We can all be picky, we can all be dismissive. But we can also choose not to be.
No - your attitude is the problem.
I don't know if you know anything about linux at all but if YOU had bothered to read my post
you would know that his response was totally irrelevant to the question asked.
I refer my previous post to you. Your clicking an irrelevant post as 'helpful' is idiotic and disruptive to
future searches. There are no acronyms or anything confusing for foreign readers of an english
language forum in that post.
As it happens I have just returned to point out to the 239 viewers of the post who didn't
respond that whilst reading the yum man pages to work out how to write the script that I
had discovered the "yumdownloader" program and ask if anyone has used it.
YOUR muddying of this thread now means people will be put off following it and discovering
something they seem not to know.
hydruga
No - your attitude is the problem. I don't know if you know anything about linux at all but if YOU had bothered to read my post you would know that his response was totally irrelevant to the question asked. I refer my previous post to you. Your clicking an irrelevant post as 'helpful' is idiotic and disruptive to future searches. There are no acronyms or anything confusing for foreign readers of an english language forum in that post.
As it happens I have just returned to point out to the 239 viewers of the post who didn't respond that whilst reading the yum man pages to work out how to write the script that I had discovered the "yumdownloader" program and ask if anyone has used it.
YOUR muddying of this thread now means people will be put off following it and discovering something they seem not to know. Well done.
Sorry, no. knudfl gave you a command to use, which you didn't seem to understand/think about. Because (since your goal was writing a shell script), and you were going to read the RPM names and get dependencies. Why couldn't you loop through the results of rpm -qa, run them through the "yum deplist", and then feed that to wget? All shell-scriptable, but it doesn't seem like you thought about that, but were more focused on being snotty to people who are trying to help you, which you have done numerous times in the past.
And add to any of this the INCREDIBLY SIMPLE thought of just pointing wget to a repository location of your choice, and getting all the RPM's with a single command, would indicate that YOU don't know much about Linux. running:
Code:
wget -r -np http://mirror.centos.org/centos/7/
...will get EVERYTHING. That is, ALL the RPM's...that's what you wanted, right??? Or how about just burning the latest 7.4 ISO to a DVD/thumb-drive?
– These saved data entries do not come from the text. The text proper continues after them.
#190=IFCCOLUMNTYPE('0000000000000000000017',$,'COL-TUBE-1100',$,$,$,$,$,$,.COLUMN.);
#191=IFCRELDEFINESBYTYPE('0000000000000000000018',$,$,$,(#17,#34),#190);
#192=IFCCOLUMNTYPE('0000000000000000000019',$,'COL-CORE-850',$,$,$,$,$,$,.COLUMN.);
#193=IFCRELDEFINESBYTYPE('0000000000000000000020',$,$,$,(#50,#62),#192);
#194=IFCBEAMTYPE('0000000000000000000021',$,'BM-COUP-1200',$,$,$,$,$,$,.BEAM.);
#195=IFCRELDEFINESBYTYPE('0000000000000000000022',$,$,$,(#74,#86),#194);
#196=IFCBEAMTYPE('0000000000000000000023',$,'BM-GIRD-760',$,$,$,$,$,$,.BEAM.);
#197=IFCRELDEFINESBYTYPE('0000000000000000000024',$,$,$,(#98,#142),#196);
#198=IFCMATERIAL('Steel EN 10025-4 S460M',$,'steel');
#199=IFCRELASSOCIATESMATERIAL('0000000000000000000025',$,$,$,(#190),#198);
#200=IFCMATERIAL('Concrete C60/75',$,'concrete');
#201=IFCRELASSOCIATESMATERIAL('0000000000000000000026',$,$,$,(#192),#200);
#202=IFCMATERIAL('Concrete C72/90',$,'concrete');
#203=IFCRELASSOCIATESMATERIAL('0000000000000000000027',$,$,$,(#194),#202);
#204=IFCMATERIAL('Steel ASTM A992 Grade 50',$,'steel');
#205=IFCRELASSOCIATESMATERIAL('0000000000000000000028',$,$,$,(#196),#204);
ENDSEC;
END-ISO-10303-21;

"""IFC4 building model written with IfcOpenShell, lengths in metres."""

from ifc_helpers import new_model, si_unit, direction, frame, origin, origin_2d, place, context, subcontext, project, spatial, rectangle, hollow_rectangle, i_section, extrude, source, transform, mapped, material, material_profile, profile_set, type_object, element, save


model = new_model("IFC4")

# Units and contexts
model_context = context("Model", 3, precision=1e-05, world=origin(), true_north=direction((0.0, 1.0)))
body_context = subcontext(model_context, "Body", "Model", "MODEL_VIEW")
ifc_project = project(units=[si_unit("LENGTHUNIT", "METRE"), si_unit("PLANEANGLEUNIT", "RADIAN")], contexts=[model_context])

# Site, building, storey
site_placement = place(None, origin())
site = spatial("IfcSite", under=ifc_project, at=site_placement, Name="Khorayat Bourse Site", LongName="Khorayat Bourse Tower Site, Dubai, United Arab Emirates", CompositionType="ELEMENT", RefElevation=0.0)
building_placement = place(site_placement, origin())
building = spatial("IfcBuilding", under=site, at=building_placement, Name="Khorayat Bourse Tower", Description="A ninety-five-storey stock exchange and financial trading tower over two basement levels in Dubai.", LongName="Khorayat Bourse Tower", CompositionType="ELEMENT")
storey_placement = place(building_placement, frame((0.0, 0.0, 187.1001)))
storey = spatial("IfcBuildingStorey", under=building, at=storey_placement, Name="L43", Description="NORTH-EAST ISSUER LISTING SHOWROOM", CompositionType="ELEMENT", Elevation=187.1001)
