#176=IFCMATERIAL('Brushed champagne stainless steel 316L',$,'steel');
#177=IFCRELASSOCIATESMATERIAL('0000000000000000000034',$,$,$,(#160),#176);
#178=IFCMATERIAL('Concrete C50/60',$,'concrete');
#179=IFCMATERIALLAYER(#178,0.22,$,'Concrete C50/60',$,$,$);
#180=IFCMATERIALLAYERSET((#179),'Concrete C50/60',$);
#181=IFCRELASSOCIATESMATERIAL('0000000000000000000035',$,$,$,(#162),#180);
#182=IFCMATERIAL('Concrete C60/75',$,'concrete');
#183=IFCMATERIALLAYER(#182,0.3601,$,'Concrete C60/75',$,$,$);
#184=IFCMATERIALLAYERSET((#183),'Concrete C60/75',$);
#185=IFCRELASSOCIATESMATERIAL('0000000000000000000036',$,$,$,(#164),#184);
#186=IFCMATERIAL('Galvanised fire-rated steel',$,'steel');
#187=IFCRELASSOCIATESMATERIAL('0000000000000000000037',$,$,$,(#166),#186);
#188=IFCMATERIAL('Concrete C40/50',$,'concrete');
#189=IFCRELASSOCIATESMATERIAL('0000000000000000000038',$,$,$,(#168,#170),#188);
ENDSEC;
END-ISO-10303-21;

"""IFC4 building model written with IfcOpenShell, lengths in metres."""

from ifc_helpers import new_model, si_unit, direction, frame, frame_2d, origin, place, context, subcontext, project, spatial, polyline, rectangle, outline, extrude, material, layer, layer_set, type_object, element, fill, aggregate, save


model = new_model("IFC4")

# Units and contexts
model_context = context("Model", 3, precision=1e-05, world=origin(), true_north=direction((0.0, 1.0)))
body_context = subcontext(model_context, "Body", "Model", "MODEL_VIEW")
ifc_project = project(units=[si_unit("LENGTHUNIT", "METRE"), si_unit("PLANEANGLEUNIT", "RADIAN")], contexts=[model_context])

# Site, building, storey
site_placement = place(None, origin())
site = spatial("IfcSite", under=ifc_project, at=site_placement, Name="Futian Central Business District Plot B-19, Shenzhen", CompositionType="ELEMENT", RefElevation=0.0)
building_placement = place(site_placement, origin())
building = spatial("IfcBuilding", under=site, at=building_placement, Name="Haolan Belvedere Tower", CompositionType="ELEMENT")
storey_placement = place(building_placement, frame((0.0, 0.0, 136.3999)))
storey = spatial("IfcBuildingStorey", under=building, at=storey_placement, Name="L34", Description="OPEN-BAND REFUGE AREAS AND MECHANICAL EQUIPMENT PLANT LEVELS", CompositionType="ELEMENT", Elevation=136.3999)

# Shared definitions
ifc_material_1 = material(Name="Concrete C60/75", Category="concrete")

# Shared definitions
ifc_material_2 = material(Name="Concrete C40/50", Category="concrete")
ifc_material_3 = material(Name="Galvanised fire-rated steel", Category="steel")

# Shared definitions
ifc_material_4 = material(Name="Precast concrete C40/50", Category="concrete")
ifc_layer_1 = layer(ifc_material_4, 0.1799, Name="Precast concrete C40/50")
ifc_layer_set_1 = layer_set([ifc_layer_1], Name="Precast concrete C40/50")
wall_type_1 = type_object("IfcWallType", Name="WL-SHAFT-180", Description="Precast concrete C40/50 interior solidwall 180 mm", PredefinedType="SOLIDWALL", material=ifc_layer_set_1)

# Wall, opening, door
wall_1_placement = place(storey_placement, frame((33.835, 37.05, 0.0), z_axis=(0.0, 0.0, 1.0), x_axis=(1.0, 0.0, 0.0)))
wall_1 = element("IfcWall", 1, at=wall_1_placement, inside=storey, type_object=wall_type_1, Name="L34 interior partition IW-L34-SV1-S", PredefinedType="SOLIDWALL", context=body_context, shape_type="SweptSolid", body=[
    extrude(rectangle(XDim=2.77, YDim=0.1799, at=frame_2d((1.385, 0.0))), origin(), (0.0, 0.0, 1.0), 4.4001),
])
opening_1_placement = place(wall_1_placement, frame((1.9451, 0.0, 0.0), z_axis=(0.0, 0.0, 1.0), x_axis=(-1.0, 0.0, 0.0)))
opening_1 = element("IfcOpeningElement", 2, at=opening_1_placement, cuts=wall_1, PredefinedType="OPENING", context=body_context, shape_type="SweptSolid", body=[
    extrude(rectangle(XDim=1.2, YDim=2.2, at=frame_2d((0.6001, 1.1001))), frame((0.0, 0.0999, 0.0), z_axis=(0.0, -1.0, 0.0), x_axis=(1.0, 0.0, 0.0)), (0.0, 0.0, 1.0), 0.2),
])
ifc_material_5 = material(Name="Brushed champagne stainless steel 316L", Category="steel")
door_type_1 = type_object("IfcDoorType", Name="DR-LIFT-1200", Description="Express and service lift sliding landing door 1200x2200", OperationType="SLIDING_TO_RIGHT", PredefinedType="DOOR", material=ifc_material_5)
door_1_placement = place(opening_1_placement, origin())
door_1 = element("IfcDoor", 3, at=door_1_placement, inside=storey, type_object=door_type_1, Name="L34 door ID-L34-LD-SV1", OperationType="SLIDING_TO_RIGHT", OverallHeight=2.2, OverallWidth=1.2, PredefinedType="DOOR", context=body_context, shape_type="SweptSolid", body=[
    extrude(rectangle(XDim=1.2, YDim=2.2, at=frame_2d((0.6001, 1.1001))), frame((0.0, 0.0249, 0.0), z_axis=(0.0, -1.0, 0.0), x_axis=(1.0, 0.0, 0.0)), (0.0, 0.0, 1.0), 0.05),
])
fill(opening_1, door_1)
Either of those accomplishes your goal of getting the 7.x RPM's and their dependencies to media.
This sentence is the most important part of this post.
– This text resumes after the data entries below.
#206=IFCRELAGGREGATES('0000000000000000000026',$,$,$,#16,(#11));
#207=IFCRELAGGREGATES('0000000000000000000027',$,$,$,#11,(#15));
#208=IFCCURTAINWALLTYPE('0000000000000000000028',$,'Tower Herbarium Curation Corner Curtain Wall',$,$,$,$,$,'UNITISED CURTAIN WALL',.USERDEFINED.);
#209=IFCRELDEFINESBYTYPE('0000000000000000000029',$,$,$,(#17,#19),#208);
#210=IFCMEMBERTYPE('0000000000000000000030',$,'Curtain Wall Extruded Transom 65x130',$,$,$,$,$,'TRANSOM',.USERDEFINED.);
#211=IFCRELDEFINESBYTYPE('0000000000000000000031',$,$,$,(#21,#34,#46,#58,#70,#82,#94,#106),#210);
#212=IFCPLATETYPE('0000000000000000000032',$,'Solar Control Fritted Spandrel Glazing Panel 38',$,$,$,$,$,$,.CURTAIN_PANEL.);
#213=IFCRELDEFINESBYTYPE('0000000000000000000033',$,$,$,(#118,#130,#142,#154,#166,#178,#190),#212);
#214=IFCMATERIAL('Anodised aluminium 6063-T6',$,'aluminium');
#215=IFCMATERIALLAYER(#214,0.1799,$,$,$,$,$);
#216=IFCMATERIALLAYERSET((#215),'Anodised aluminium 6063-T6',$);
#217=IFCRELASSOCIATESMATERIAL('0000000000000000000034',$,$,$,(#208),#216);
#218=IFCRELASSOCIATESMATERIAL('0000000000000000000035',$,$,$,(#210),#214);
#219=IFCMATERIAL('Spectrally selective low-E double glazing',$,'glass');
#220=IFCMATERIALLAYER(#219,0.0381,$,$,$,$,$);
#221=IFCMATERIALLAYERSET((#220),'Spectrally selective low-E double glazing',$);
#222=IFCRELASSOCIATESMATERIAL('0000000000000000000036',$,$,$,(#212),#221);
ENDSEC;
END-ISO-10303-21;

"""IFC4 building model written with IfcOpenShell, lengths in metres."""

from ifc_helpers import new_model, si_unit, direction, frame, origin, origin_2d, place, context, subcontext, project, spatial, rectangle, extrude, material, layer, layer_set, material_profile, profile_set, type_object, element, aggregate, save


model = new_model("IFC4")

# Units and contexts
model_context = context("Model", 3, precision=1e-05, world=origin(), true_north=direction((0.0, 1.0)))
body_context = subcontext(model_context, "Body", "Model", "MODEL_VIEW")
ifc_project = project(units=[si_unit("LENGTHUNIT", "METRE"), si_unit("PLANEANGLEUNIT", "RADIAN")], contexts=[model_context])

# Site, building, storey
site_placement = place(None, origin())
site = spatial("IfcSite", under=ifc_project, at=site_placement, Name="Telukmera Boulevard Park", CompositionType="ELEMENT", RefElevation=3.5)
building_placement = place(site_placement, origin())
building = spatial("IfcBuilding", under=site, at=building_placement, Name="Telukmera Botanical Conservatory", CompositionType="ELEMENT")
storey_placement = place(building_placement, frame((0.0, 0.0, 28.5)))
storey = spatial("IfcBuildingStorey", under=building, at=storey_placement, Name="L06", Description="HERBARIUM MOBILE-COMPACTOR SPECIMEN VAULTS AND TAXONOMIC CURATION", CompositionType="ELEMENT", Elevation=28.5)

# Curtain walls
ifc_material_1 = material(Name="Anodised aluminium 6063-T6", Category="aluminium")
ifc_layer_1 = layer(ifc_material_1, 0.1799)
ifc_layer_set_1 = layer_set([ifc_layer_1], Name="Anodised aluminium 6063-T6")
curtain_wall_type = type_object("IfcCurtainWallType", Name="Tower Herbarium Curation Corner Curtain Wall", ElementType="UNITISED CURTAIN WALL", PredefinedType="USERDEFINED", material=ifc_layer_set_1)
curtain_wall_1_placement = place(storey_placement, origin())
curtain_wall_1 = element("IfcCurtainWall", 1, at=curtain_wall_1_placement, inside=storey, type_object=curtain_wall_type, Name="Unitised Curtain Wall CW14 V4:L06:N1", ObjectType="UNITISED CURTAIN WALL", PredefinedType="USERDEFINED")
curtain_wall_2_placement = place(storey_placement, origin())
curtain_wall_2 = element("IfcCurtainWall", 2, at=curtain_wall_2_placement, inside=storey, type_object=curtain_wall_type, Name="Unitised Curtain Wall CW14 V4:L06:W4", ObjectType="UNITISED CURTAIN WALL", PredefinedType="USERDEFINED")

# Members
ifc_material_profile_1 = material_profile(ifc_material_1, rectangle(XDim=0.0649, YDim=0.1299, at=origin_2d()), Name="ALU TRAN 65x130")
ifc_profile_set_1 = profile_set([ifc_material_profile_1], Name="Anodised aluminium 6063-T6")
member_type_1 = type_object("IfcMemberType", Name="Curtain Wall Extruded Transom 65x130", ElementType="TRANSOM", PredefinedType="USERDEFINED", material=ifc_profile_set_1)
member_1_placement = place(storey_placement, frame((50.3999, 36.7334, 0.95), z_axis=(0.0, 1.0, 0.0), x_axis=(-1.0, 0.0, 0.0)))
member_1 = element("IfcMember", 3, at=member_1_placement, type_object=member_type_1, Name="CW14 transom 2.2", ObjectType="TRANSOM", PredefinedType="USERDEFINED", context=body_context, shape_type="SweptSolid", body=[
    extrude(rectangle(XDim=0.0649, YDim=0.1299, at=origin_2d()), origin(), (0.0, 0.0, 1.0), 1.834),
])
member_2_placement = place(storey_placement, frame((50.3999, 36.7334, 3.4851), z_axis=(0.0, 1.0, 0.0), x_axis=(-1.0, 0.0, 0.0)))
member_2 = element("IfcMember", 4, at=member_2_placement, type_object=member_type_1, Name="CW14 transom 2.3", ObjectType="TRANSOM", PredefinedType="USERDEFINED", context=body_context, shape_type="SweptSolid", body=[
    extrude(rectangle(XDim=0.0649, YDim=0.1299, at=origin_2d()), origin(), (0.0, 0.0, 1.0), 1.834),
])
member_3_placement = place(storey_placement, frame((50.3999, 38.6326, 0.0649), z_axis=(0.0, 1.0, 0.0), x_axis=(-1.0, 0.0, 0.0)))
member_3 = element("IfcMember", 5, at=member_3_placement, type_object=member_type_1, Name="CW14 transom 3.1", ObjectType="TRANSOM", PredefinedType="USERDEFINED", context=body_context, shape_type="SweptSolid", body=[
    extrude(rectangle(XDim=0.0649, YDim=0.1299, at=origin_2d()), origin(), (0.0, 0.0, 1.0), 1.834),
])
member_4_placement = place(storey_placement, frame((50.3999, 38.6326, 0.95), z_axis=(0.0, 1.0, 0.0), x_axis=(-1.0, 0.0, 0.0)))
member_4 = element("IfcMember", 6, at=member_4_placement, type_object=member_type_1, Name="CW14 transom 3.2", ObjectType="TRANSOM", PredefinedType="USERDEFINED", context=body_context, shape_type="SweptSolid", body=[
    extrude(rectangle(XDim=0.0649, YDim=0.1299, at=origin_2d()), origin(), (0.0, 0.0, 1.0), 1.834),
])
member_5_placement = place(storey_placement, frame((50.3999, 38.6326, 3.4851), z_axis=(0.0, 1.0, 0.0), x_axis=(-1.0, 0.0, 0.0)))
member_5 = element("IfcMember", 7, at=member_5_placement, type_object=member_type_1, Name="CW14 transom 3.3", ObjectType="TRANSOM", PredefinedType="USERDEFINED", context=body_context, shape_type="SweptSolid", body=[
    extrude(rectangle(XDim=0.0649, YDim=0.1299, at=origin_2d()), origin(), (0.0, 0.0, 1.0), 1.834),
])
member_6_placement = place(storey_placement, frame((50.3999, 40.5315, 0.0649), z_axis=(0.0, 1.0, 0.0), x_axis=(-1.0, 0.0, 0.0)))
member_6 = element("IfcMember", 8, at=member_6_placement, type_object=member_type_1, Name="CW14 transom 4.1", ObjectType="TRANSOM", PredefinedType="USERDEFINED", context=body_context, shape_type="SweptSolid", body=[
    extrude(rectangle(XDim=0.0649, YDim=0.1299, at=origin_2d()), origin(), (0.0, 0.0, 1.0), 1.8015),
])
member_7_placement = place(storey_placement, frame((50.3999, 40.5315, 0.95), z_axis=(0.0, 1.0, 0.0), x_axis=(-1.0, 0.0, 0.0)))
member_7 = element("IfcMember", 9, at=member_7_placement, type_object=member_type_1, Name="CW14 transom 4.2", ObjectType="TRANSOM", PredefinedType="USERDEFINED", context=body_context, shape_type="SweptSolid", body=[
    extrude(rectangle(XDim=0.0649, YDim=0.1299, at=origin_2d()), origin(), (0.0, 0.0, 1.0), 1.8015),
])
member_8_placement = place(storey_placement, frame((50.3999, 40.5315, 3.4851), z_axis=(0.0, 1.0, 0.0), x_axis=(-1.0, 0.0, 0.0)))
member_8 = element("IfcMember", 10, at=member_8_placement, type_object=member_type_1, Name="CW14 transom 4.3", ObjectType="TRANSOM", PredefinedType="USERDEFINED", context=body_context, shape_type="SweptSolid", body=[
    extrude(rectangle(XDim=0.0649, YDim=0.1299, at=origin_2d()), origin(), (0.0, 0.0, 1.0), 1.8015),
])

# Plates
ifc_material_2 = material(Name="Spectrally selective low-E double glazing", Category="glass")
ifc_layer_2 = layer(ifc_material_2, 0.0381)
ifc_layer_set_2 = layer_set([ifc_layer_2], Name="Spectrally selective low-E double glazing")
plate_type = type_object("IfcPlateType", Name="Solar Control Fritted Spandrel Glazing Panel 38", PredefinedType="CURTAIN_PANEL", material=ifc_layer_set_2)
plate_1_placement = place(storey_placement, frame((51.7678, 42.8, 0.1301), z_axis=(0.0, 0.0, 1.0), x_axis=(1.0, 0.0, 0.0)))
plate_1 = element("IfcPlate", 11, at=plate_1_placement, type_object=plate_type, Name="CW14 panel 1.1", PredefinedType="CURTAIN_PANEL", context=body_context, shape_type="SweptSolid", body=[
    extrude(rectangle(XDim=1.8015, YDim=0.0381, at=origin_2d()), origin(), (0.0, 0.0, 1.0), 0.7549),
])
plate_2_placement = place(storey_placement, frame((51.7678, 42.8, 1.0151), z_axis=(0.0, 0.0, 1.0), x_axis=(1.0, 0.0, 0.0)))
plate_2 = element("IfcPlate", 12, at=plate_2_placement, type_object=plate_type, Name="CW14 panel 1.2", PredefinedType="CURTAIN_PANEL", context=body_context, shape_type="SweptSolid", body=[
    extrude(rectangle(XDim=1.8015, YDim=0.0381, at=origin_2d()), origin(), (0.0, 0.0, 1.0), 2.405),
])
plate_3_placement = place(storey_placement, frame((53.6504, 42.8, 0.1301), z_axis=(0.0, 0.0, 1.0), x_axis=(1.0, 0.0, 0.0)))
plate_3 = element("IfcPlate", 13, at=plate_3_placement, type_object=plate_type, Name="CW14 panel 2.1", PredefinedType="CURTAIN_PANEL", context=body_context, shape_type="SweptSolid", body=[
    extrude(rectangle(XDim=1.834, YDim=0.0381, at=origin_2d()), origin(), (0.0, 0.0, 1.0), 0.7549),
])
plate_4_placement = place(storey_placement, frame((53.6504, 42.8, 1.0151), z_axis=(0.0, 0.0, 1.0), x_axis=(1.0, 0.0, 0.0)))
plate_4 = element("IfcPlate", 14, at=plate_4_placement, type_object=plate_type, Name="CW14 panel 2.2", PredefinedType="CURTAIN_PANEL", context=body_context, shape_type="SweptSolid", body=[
LQ should be a place where folks get along to help others to use linux.
In lieu of paying for support, people visit LQ to get some ideas. The ideas come from members who try to offer solutions or alternate solutions to the questions. If someone needs support then they do have an option to purchase a commercial product or support contract.
Members replies ought to be considered a free gift. Some gifts are bozo shoes and some are gold watches.
When members fail to conform to maintaining technical and polite replies or posts to threads, they then get out of hand.
If a members post requires some attention please send a report and let mods look at it.
It is a poor practice to scold members in public and I try to avoid it.
It is also a discouraged practice to close threads but this one has not lived up to polite discussion and transfer of ideas.